なお、前記実施形態では、壁面部材として、間伐丸太を用いた例について述べたが、本発明はこれに限らず、竹林において同様に品質管理を目的に間伐される間伐竹や、間伐丸太と同様形状の樹脂製リサイクル材や、鉄道の枕木なども用いることができ、これによっても資源の有効活用に寄与することができる。また、背面側支持体6および前面側支持体7を構成する部材として棒体61,71およびスリーブ体62,72を例示したが、これに限らず、たとえば、例示のものより短い棒体をスリーブ体によって継ぎ足すようして所定長さの支持体を構成するようにしてもよい。さらに、連結手段としての組立金物は、スリーブ体を挿通し得る形状であってもよい。
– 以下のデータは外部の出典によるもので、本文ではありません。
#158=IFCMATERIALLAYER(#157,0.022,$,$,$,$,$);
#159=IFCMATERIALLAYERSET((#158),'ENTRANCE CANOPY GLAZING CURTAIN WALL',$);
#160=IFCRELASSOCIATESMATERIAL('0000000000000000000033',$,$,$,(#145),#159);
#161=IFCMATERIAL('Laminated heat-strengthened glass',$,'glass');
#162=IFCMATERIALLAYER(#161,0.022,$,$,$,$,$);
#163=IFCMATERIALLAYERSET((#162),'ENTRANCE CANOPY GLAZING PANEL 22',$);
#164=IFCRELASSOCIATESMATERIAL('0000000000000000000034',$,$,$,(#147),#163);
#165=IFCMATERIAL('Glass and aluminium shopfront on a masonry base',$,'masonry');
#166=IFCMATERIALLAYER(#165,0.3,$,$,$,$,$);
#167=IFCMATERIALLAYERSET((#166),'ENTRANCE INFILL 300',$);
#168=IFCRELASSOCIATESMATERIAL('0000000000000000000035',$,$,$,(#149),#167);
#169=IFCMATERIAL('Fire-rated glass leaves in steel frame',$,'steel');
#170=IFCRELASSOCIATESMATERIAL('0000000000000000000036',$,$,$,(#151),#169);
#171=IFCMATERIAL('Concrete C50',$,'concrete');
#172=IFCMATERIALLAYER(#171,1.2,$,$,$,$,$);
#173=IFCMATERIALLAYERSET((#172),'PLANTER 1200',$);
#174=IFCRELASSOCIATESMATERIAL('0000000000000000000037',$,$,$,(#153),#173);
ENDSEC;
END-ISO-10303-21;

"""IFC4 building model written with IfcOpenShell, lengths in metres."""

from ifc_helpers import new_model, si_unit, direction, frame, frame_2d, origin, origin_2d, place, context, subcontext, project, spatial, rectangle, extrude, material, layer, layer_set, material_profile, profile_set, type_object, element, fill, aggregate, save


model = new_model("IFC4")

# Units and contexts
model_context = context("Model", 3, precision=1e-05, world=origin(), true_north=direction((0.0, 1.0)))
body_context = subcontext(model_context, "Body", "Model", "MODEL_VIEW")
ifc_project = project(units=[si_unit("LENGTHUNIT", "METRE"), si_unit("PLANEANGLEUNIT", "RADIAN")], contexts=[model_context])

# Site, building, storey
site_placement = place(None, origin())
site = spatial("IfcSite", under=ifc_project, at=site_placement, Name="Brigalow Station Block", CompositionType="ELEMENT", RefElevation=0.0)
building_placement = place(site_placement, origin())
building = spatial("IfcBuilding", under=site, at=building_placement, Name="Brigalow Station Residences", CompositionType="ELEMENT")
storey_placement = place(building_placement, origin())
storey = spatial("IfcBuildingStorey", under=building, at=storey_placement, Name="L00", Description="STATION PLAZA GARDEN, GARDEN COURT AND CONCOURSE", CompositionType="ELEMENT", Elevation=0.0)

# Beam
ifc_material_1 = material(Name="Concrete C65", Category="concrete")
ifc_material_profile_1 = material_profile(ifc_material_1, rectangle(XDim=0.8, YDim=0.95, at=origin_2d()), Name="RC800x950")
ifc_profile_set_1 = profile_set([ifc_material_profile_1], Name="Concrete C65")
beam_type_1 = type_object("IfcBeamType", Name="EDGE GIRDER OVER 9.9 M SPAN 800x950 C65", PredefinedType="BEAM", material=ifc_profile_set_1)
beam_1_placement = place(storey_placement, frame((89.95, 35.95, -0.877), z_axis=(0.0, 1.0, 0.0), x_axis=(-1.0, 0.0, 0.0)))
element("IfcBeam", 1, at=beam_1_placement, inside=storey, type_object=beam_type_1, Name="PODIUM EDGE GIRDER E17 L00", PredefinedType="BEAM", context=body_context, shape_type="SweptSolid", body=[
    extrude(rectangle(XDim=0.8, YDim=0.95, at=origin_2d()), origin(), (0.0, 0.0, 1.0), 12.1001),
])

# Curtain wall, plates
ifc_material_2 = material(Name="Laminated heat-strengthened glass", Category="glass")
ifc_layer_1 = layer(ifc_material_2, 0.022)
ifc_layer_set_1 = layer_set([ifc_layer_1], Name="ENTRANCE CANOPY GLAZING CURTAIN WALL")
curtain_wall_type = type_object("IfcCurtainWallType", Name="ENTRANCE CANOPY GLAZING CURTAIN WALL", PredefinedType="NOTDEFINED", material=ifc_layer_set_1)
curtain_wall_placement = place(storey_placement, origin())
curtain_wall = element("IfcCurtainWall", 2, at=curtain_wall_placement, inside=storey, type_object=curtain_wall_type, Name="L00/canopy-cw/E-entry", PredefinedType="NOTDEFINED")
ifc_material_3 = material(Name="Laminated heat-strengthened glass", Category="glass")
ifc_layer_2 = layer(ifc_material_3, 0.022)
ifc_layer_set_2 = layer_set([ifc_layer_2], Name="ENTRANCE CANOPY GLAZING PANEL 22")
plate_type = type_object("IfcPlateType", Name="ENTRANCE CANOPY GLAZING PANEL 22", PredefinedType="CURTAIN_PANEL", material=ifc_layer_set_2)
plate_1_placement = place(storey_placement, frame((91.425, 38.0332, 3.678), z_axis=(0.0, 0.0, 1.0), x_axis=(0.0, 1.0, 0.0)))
加えて、連結手段8によって規制される間伐丸太4の積重本数は4本に限定されず、3本あるいは5本以上であってもよく、各ロットに積重される間伐丸太4の本数も12本に限定されるものではない。
1 土留構造体
2 土留壁本体
3 アンカー手段
4 壁面部材
5 保持枠体
6 背面側支持体
61 棒体
62 スリーブ体
7 前面側支持体
71 棒体
72 スリーブ体
8,81〜83 連結手段
20 盛土
B 鉛直方向

Claims (2)

  1. 長尺材からなり、水平状態で鉛直方向に積重される複数の壁面部材と、
    前記複数の壁面部材を、それぞれが水平状態で積重された状態に保持する保持枠体と、
    前記保持枠体に連結され、保持枠体によって保持された前記複数の壁面部材の背後の盛土に埋設されるアンカー手段とを含み、
    前記保持枠体は、各壁面部材の前記盛土が収容される背面に沿って鉛直に延びる背面側支持体と、各壁面部材の前記背面とは反対側の前面に沿って鉛直に延びる前面側支持体と、背面側支持体と前面側支持体とを連結するとともに、前記アンカー手段が連結される連結手段とを含み、
    前記連結手段は、前記背面側支持体および前面側支持体の長手方向に沿って所定の間隔を開け、かつ、前記背面側支持体および前面側支持体間に跨るように取付けられ、前記所定の間隔毎に前記壁面部材が所定本数単位で積重されるよう構成され、
    前記背面側支持体および前面側支持体は、いずれも長尺棒体と、前記長尺棒体に嵌装される長尺棒体より短寸の複数のスリーブ体とからなり、前記長尺棒体に嵌装される短寸スリーブ体同士の突合わせ部分の長尺棒体に前記連結手段が取付けられるよう構成されていることを特徴とする土留構造体。
  2. 前記壁面部材は、間伐丸太から成ることを特徴とする請求項1に記載の土留構造体。